Trading halt imposed on embattled Cinar

Securities Commission bans stock until finances are revealed

MONTREAL — Embattled Canuck TV producer Cinar Corp. has been hit with a tough new ruling by Canadian regulatory authorities.

The Quebec Securities Commission has ordered a trading halt on Cinar’s stock and has rejected the Montreal-based children’s TV company’s request for additional time to prepare its 1999 financial statements. With the ruling, Cinar cannot begin trading again until the Quebec Securities Commission lifts the ban. Even if the Nasdaq exchange, for example, was to lift its halt-trading ruling, the Quebec regulator could still stop Cinar from trading on the U.S. exchange.

Cinar shares have not been trading on the Toronto Stock Exchange or Nasdaq since March 8. In addition, the Canadian regulator has insisted that Cinar put out a press release every 15 days to update investors on its efforts to restate its financial results. Cinar, which has not been the source of much detailed information since the financial scandal broke March 6, issued a press release Thursday at the request of the Securities Commission, giving a status report on its internal audit.

“We are keenly aware that our shareholders are anxious to receive accurate financial information on the company,” Cinar CEO Barrie Usher said. “We have taken special measures to produce statements as quickly as possible.”

Extension denied

Cinar had until April 18 to file its consolidated financial results for last year and had asked to be given an extra 90 days to deliver the information to regulators. The request was turned down. Cinar management said they will attempt to file audited financial statements by June 30, but it still cannot guarantee making that deadline.

Cinar confirmed Thursday that it “appears likely” that it will have to restate its financial results for 1997 and 1998 and for the first three quarters of 1999 for “reasons relating to tax incentives and the disclosure of related party transactions.” Cinar execs cannot accurately assess the amount of the financial hit because it will depend on the amount of tax incentives that have to be paid back to the government, the outcome of the review related to the previously disclosed missing $122 million, and to the effect of related party transactions.

Last month, Cinar founders Ronald Weinberg and Micheline Charest ankled the company and former senior executive vice president Hasanain Panju was fired in the wake of revelations that $122 million was funneled into risky offshore investments without board approval. The unauthorized investments came to light as the result of an internal audit began last fall following allegations in the House of Commons that Cinar was engaged in defrauding the film tax-credit system in Canada.

Continuing investigation

The Royal Canadian Mounted Police continues to investigate the tax-fraud allegations at Cinar, and earlier this week the Mounties filed court documents alleging that the company obtained at least C$7.8 million ($5.4 million) in Quebec provincial tax-credits via fraudulent activity.

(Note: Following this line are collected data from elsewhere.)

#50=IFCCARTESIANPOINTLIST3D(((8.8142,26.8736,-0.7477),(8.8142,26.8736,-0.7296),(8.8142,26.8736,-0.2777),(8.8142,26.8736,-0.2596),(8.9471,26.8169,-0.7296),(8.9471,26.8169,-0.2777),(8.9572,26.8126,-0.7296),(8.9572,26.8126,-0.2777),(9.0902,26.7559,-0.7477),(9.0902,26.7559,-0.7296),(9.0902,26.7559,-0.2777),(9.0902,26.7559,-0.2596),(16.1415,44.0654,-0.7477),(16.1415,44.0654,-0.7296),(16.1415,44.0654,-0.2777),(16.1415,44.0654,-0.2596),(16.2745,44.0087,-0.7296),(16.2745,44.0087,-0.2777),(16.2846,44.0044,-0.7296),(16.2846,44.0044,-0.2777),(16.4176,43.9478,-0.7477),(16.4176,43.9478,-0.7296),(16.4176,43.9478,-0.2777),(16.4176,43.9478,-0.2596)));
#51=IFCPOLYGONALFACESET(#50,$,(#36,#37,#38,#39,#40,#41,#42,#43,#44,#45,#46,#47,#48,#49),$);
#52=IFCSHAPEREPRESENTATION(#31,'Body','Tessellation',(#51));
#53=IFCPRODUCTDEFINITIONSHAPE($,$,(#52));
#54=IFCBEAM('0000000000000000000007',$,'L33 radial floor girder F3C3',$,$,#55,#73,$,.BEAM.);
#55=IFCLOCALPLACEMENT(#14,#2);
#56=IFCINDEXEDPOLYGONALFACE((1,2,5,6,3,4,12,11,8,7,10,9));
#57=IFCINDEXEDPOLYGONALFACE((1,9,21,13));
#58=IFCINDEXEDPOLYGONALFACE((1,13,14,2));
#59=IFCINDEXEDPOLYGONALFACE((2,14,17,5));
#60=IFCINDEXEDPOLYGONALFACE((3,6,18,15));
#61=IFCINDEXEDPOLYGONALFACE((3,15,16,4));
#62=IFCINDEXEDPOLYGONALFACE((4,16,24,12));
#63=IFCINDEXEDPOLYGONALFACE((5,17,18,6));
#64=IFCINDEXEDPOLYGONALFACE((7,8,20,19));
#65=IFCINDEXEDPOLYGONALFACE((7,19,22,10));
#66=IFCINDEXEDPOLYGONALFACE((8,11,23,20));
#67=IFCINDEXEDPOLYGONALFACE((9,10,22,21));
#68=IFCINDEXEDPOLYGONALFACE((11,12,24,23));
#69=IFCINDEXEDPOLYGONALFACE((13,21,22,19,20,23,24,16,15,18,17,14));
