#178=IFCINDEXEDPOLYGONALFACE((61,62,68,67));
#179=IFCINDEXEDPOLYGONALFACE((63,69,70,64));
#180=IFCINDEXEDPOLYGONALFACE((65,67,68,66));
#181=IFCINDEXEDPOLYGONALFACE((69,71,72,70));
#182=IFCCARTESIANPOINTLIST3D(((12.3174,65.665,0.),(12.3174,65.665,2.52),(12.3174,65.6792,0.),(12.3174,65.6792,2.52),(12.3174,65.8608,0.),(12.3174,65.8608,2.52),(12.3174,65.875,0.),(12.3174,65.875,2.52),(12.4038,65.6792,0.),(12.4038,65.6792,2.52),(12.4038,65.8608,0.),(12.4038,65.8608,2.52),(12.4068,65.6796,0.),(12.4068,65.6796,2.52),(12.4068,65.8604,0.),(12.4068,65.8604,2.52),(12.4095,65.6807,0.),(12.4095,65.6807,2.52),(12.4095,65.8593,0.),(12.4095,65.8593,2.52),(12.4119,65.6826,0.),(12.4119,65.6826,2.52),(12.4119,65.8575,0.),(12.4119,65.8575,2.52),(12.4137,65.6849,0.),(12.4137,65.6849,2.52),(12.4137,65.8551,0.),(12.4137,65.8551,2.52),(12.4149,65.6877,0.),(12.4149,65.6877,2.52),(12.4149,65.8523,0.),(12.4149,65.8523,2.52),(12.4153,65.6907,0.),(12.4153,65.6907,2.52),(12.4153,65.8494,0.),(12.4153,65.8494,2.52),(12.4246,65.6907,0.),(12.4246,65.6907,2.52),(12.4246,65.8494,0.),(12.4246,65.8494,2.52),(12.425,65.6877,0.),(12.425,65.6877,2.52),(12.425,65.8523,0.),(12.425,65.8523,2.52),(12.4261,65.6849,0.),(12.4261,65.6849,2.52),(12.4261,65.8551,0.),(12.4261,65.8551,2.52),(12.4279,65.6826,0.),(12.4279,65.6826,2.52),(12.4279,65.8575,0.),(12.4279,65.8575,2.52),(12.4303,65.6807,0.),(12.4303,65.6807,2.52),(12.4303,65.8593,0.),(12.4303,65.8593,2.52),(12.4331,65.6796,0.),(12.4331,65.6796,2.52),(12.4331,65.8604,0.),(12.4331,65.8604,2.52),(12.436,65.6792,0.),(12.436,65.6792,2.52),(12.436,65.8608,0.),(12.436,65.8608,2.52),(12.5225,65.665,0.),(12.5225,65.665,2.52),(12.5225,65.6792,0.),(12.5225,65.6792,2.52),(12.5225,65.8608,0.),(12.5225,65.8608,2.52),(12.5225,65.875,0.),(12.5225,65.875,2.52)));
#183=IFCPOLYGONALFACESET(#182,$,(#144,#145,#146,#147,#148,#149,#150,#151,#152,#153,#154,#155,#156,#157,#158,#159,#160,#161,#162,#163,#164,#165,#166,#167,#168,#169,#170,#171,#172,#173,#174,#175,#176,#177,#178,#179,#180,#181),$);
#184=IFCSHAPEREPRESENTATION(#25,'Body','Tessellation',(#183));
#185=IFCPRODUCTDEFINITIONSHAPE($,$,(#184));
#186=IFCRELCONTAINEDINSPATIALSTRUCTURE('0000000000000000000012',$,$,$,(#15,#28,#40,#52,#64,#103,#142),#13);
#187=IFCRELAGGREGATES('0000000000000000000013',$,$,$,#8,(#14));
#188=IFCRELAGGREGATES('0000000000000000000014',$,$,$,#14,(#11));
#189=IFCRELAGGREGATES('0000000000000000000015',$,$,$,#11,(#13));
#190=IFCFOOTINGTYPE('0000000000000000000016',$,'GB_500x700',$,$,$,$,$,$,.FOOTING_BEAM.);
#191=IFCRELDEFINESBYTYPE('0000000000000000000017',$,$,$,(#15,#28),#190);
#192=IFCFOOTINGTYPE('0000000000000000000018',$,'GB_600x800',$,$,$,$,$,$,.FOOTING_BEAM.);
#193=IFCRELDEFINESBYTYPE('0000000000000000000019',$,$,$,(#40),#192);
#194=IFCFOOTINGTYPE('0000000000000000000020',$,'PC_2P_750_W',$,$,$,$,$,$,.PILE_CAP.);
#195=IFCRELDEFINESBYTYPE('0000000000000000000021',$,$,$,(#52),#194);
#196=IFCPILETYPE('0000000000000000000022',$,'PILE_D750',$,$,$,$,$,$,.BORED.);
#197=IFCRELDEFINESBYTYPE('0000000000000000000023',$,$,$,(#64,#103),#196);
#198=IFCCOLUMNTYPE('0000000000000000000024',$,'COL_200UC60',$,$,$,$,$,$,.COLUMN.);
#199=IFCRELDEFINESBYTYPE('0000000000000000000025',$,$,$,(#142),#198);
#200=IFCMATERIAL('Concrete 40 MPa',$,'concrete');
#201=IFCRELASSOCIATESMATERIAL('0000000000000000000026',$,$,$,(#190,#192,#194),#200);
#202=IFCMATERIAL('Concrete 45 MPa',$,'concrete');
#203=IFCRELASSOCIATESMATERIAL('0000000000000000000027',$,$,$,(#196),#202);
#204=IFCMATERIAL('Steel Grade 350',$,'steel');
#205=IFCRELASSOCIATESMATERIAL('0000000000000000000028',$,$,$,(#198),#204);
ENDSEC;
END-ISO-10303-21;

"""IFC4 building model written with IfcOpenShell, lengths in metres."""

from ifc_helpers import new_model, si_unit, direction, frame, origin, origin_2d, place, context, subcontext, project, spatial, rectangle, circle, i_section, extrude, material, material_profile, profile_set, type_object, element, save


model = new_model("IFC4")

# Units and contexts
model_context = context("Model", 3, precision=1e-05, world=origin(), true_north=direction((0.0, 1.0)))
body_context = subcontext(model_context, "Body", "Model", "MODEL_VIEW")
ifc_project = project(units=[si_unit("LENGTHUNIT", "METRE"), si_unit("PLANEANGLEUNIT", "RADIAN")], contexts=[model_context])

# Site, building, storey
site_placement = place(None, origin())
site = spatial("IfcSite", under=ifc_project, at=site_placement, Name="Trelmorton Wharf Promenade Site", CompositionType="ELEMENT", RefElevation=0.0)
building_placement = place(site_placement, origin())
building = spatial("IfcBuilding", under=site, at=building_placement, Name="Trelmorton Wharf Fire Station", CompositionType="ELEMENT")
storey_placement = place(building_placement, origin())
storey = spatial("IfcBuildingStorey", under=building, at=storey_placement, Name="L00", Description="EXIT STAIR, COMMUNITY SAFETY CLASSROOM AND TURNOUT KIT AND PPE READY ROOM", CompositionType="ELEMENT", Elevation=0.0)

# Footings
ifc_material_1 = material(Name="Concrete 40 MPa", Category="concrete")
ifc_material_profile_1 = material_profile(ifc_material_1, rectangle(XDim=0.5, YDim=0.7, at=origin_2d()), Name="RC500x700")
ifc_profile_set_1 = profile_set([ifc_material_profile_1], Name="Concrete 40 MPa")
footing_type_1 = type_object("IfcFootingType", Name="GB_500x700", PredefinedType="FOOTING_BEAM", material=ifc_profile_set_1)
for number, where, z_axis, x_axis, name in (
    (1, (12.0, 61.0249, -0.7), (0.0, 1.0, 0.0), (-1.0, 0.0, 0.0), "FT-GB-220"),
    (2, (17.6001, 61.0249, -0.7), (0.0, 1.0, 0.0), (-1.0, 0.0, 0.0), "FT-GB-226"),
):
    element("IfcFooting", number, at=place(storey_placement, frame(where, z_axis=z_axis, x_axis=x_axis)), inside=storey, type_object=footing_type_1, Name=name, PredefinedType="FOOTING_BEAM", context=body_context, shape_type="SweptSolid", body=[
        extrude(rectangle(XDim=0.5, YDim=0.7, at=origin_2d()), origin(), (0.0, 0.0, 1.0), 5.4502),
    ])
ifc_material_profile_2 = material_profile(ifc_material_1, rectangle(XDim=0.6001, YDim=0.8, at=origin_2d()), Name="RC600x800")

In its release Thursday, the most detailed disclosure yet from Cinar, the company said it has retained the services of PricewaterhouseCoopers to provide financial advisory services and to assist management in the work required to prepare the financial records of the company. Cinar execs also said they will comply with the regulators’ decision and communicate by news release every 15 days on the status of its financial review.

“The Commission’s decision is consistent with regulatory proposals made public in March 2000 and we intend to comply with the terms,” Cinar topper Usher said.